Saturday 27 June 2009

Saturday, February 14th, 2009

To escape from this gloomy recession I went time travelling on the cheap. Basically I visited my Nan so I could listen to her recalling a chapter from the story of her life in vivid detail, without pausing for breath. Well it’s pretty inexpensive compared to a trip to the cinema or buying a book, plus I get an unlimited buffet of Cherry Bakewells and Blue Riband chocolate wafers thrown in for free.

But great, just my luck. She was on Chapter 6, The Great Depression of 1929. A time when 20% of the British workforce was unemployed, 25% of the UK’s population existed on a subsistence diet, and my Nan had to move from London to the rather less glamorous Stanwell, Middlesex. She also had to leave behind her beloved job as a quality controller at a luxury goods manufacturer, where at 15 years old she got to look at and touch real leather handbags, silk scarves and bejewelled necklaces - objects that working class people like her would never usually get to hold - to become a stock assistant at Woolworths.

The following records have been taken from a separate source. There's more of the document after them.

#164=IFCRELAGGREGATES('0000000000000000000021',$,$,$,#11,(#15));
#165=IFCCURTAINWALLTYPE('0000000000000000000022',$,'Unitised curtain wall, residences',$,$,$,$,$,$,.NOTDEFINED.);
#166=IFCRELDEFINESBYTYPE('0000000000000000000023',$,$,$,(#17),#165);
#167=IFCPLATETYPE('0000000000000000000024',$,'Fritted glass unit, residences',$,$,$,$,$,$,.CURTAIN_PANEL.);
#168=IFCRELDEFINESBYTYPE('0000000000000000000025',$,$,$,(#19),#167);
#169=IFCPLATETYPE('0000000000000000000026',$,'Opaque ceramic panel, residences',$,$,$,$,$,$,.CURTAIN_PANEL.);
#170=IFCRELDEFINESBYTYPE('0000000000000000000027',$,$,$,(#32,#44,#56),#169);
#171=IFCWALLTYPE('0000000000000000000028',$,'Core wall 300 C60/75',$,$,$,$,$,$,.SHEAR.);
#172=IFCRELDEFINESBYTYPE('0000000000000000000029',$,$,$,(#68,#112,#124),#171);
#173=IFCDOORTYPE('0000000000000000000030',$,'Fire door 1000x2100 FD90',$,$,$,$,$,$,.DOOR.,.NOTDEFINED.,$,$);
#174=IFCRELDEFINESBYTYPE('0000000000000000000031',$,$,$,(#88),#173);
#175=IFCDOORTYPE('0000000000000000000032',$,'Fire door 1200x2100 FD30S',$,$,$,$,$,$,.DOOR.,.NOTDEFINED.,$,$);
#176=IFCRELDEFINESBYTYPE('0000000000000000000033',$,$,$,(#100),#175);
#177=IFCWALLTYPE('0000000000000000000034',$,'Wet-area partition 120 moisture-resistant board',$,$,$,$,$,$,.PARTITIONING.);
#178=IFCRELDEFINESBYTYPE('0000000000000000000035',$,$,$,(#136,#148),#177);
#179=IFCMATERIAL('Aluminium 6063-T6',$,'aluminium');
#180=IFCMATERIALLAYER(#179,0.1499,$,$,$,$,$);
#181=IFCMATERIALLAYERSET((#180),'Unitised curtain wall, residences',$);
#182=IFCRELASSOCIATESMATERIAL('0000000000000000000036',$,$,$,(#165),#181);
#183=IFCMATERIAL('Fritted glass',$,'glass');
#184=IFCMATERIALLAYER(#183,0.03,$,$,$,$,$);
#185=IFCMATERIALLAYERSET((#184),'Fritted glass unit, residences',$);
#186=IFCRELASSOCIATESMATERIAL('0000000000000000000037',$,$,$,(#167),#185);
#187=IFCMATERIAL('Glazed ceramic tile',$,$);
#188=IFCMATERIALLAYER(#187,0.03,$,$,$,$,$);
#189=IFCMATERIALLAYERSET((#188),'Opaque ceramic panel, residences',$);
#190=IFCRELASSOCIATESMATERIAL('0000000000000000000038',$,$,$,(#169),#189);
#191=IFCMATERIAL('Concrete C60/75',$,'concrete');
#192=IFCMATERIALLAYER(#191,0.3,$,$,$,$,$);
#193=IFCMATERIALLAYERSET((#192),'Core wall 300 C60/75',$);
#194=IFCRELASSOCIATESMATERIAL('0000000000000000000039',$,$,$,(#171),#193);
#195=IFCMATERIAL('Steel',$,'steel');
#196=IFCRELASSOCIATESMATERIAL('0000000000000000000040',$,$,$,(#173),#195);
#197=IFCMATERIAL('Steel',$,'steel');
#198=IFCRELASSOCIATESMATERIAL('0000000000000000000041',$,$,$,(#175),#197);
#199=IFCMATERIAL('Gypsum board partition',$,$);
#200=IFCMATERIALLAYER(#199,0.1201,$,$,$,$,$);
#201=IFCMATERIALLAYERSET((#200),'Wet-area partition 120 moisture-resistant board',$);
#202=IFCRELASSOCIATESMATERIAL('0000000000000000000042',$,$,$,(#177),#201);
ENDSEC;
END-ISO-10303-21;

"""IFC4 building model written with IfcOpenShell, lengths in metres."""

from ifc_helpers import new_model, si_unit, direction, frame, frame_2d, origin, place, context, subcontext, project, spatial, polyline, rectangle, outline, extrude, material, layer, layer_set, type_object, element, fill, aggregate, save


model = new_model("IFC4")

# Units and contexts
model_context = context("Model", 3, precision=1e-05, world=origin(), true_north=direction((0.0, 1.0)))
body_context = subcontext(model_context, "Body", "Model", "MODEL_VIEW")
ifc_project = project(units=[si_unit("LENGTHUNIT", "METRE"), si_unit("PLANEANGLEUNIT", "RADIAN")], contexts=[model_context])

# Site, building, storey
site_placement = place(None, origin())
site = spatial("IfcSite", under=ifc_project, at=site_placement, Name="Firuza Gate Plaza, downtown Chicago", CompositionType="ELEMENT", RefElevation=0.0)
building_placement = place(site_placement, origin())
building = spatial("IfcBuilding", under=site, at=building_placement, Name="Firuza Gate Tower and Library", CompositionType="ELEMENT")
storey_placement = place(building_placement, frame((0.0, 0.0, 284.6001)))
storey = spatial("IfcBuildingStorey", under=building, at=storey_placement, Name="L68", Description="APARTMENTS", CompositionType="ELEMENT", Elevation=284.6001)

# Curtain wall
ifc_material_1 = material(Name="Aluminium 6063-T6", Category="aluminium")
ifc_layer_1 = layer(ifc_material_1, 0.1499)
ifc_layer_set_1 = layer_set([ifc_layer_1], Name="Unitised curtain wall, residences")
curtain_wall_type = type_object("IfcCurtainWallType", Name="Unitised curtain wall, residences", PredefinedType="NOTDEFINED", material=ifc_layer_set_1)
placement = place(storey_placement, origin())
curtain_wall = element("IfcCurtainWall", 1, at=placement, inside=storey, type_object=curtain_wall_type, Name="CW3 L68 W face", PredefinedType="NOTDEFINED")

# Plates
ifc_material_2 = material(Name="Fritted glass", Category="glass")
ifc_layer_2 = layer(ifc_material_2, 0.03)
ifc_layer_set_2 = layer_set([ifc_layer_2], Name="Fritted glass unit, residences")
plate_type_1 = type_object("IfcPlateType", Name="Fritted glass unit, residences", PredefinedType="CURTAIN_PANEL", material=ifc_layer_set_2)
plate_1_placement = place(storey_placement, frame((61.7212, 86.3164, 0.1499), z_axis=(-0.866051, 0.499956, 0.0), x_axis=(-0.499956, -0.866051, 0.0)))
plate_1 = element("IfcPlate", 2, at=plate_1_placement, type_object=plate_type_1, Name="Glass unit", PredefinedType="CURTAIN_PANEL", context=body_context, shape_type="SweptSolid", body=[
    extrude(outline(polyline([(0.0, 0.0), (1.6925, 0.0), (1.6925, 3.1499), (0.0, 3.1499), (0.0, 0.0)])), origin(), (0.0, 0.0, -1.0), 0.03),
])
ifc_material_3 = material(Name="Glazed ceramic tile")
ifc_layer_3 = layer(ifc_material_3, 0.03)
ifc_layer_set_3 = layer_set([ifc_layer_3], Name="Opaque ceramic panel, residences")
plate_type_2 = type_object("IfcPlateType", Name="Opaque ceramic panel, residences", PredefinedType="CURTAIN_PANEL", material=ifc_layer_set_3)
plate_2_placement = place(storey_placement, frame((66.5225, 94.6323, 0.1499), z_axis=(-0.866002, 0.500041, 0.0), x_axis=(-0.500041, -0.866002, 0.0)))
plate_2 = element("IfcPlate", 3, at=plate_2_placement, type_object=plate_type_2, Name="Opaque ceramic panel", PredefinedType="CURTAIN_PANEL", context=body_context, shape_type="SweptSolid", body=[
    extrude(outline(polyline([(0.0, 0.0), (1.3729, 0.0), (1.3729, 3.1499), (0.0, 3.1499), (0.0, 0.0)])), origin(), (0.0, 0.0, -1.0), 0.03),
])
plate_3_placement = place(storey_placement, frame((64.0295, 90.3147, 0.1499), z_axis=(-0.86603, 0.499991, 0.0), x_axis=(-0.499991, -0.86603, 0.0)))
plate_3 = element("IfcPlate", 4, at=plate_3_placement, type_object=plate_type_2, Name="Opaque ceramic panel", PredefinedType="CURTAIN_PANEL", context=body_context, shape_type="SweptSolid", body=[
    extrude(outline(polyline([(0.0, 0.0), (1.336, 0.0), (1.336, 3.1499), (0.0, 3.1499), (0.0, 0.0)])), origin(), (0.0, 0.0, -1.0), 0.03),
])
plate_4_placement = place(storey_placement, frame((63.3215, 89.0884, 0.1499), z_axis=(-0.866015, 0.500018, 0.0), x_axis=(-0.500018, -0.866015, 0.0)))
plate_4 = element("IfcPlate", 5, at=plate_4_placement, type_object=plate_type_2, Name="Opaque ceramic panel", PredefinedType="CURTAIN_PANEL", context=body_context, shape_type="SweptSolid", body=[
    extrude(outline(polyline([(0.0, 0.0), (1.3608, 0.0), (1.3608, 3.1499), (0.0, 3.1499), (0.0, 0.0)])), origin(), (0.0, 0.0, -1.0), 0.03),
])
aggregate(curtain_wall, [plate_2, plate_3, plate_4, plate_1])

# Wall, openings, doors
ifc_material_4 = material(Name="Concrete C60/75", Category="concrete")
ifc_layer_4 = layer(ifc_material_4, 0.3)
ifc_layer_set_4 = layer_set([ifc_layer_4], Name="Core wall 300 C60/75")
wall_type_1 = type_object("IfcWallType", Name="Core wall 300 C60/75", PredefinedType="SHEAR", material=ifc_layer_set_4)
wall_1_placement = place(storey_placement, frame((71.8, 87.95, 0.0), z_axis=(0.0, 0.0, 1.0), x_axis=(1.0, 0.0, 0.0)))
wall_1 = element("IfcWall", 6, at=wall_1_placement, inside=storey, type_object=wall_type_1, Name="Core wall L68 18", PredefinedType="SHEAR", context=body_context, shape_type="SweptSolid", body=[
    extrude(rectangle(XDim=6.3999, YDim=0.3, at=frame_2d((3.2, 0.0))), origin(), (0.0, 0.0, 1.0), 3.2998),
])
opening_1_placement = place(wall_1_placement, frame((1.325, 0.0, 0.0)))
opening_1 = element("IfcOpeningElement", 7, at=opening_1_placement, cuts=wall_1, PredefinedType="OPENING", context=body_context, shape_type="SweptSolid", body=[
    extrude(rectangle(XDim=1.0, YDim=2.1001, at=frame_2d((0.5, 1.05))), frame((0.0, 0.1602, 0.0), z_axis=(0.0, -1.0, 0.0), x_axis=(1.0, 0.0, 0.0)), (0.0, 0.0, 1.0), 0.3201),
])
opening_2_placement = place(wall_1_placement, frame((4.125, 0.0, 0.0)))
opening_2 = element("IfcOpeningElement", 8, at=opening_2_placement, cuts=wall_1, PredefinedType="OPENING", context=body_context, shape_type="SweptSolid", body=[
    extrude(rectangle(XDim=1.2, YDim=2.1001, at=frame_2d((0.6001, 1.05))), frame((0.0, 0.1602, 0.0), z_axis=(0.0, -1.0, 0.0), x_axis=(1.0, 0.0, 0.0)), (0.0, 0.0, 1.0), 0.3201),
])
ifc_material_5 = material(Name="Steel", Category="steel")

To my Nan at 96 years old, the Great Depression of 80 years ago is more lucid than what she did yesterday, because apparently it’s the short-term memory that goes first, whereas the long-term one decays much later. As she spoke, with her profile in silhouette against the harsh light of the February sun, she kept staring straight ahead, as if it was all being played out right in front of her. She was back in the 1930s, reliving the steel tub baths with ice cold water, hauling heavy stock down steep stairs and scraping together enough money for the bus fare.

Yet her story of everyday poverty and hardship made me feel much better about today’s economic situation. It doesn’t even come close when you try and compare the two. And then it made me think about the book I’m reading at the moment, White Tiger by Aravind Adiga, that’s set in India in the present day. Although you could be mistaken for thinking that it was actually Britain in the 1930s because of all the alarming similarities. The poverty, corruption, illiteracy, huge divide between rich and poor, exploitation of the underprivileged, child labour, outside toilets, large families sharing cramped spaces, servants and handful of moneyed landlords owning all the property, to whom you have to pay extortionate amounts of rent.

It shows that in Britain at least, we have come a long way in a relatively short space of time, and although they say this recession will be the worst this country has seen since the 1930s, we won’t have to go back to scrabbling in the mud for coal to heat our homes. It’s better to look on this recession as just a minor setback that we can all gain something from. Like appreciating the small things in life, living within our means and realising what’s important. All the stuff that, let’s face it, we don’t really do unless we’re forced to.

During the 96 years my Nan has lived through, depressions and recessions have come and gone, as life is all about cycles. Only once in a generation do we get the chance to break out of the cycle we're in, and move into another one where we're better off than before. According to the IMF, India, after all those years of exploitation by the West, will have one of the only expanding economies in 2009 and 2010 - China’s will be the other. They're both taking their chance. And we should take ours, by learning to live with less and caring about communities rather than companies.

So yes, life’s all about cycles and what goes around, comes around. Or what the Indians call Karma. It gives me hope that the big bosses who've caused this latest recession will get what’s coming to them. In White Tiger, the Indian servant protagonist slits his boss’s throat. Perhaps one day all the fat cats’ heads will roll too – metaphorically speaking, of course.